The Astroworld Festival held on Friday represented, to some, a return to normalcy. The sold-out concert was packed, with 50,000 people eager to forget the throes of anxiety brought on by the pandemic.
But as people danced and chanted to the music, none of them anticipated the tragedy slowly brewing.
After 9 p.m., rapper and event organizer Travis Scott was still performing—40 minutes over the expected time. And as the rapper performed, the event-goers inched towards the stage.
“Once (Scott) started, all hell broke loose,” 23-year-old Alexis Guavin, an event goer, said. “All of what is to be 50,000 people ran to the front, compressing everyone together with the little air available.”
In footage that emerged after the concert, the rapper pauses in confusion as an ambulance with flashing lights moved into the crowd.
“There’s an ambulance in the whoah whoah,” Travis said.
Moments later, Travis Scott was seen interrupting his performance requesting help for a fan that had passed out.
But in another video, the rapper is seen asking fans, “Who asked you to stop? Y’all know what Y’all came to do.”
In the catastrophe that followed, with people pushing and shoving, eight of the 50,000 party attendees died. All aged between 9 and 27, with hundreds more injured—including a nine-year-old boy in a coma.
Travis Scott, following the incident, took to his Twitter account to say that he is “absolutely devastated by what took place last night.”
“My prayers go out to the families and all impacted by what happened at Astroworld Festival,” his statement read.
Travis expressed that he was willing to offer his total support for the Houston PD.

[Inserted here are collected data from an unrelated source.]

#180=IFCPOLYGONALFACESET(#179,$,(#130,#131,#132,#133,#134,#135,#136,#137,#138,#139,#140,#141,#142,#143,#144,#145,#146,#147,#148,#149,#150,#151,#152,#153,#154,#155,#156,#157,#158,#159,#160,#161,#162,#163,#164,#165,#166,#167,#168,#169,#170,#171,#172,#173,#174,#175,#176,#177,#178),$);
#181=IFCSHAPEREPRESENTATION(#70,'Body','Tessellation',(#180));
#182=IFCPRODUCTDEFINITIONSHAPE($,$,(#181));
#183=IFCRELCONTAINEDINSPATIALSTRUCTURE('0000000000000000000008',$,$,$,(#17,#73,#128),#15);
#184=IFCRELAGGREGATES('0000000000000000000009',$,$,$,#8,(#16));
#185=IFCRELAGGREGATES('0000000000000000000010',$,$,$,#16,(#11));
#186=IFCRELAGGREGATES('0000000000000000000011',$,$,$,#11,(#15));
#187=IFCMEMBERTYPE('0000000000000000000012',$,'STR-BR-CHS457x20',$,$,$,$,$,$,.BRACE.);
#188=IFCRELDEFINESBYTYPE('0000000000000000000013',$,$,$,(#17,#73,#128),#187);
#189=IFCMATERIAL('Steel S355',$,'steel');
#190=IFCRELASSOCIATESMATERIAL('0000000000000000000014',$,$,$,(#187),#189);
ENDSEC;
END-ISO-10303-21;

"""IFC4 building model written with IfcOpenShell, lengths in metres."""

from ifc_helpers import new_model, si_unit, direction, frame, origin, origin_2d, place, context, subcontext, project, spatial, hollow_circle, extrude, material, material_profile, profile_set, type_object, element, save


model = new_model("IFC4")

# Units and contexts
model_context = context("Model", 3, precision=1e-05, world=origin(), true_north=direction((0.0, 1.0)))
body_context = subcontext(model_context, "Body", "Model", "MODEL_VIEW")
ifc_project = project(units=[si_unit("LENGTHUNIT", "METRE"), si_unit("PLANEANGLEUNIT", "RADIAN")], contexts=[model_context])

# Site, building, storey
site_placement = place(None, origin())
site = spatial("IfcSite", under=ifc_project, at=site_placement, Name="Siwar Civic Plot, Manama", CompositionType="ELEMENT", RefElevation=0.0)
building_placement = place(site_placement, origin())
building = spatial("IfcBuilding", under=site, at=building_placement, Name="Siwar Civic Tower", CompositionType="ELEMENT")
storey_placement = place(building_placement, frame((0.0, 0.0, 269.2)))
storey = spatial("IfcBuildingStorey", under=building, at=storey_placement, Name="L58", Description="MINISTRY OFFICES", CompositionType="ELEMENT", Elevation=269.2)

However, when he was asked whether Travis Scott should have stopped the event by NBC’s “TODAY” show co-host Savannah Guthrie, Houston’s fire chief said, “Absolutely. Look: We all have a responsibility starting from the artist down.”
Recalling the footage of the ambulance in the middle of the crowd, Chief Samuel Pena said, “At one point, there was an ambulance that was trying to make its way through the crowd. And he’s got, the artist has, command of that crowd.”
Demanding for accountability for the stampede on Friday, the parents of the nine-year-old boy fighting for his life in hospital are suing Travis Scott. With the boy’s lawyer saying, “This young child and his family will face life-altering trauma from this day forward, a reality that nobody expects when they buy concert tickets.”
On top of this suit is another alleging that the event’s surprise guest Drake incited the crowd.
Drake broke his silence and posted a instagram statement offering his condolences to the victims and their families.
The police have launched an investigation, including allegations that somebody was injecting people with drugs in the crowd.